Ardie was older than Frank, but he had all his faculties and spoke warmly to me about the King Charles spaniel we’d recently given them. When we got to the restaurant, I took a seat and ordered a drink. As we were chatting, a waiter tapped me on the shoulder and told me I had a call. Putting down my glass with a hand that was surprisingly steady, I went to the front desk and lifted the receiver. I heard Vine’s voice and flinched. “You’d better come right away. The paramedics are here. They’re going to take Mr. S to the hospital.”

“What happened?” I asked, because less than an hour before he’d been fine.

I heard her hesitate before she said, “They can’t find a pulse.”
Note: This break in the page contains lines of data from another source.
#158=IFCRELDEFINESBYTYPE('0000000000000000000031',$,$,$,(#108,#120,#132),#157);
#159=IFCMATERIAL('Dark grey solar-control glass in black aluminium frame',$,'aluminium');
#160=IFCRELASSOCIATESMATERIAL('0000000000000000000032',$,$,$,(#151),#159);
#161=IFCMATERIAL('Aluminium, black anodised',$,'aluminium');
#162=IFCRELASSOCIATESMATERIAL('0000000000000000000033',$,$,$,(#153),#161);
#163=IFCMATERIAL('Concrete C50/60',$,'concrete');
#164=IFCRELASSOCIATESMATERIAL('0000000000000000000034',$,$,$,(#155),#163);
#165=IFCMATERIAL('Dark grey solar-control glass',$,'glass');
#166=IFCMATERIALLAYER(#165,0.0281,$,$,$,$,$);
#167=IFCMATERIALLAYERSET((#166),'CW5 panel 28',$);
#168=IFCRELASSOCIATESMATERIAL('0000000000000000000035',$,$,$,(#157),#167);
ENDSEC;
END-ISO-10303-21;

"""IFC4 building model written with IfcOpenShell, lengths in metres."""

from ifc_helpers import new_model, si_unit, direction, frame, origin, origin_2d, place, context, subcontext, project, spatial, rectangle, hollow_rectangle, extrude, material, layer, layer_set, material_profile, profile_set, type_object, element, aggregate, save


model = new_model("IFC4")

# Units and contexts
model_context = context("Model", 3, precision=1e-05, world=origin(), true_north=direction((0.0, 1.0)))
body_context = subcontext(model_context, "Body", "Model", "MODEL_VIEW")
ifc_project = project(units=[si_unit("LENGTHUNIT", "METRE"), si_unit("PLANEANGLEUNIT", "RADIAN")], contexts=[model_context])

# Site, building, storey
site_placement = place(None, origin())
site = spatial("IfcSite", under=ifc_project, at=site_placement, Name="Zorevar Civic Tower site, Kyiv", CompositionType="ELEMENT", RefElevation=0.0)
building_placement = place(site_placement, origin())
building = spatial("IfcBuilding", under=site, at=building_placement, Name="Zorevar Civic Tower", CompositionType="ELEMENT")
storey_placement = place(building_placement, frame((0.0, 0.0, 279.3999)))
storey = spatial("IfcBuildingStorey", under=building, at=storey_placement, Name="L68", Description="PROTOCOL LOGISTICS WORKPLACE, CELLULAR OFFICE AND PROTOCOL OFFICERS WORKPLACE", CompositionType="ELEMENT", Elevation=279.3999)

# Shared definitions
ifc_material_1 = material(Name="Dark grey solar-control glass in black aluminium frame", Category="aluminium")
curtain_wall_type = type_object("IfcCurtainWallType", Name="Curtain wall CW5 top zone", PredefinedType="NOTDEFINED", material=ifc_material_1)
I don’t remember replacing the receiver or going back to where the others were eating dinner, but I do remember telling Ardie, “I have to go.”

“Okay,” said the man who’d known my husband for more than fifty years. “I’ll take you right after dinner.”

“No! I have to go now,” I told him. Ardie drove at about two miles an hour, so I said I’d take a cab, but he insisted, so I sat in the passenger seat willing him to go faster. By the time I got home, the ambulance had just left, and that’s when my fear began to kick in.

“But I always go with Frank!” I cried. “I have to mask the windows with foil!” I imagined him lying in the back, looking and feeling dreadful as photographers took their fill of shots. The thought made me sick to my stomach.

I asked one of our staff to drive me to the hospital immediately, and he must have broken every speed limit to get me there. Running in through the door of the ER, I hurried to the front desk and was directed to where Frank lay on a gurney in a cubicle behind a curtain. Three doctors were working on him. Feeling faint, I tried to blank out what they were doing and focus on my husband’s face instead. Gripping his hand, I told him, “Darling, you’ve beaten worse than this and you can beat this too. You’ve got to fight.” His lips were blue, but I saw them move, so leaning closer, I told him again, “You have to fight, Frank!”

He really tried to. He did. He must have clung to life for twenty minutes or more, although it seemed like considerably longer. I didn’t leave him for a second, his hand like a bag of bones in mine. Briefly, his eyes flickered open. They were watery but still the same dazzling blue as when he’d first pulled me into his arms and kissed me all those years earlier, stealing my heart. He looked at me for just a moment and opened his mouth to speak. Leaning closer, turning my head to hear, I heard him whisper the words “I can’t.”

Then his eyes closed forever, and that was it.

That was the end.

The doctors stepped back, and one placed a hand gently on my shoulder.

I shrugged it off and remained by Frank’s side, talking to him and stroking his forehead. “Come on, Frank,” I told him, “you can do this, darling. You can.”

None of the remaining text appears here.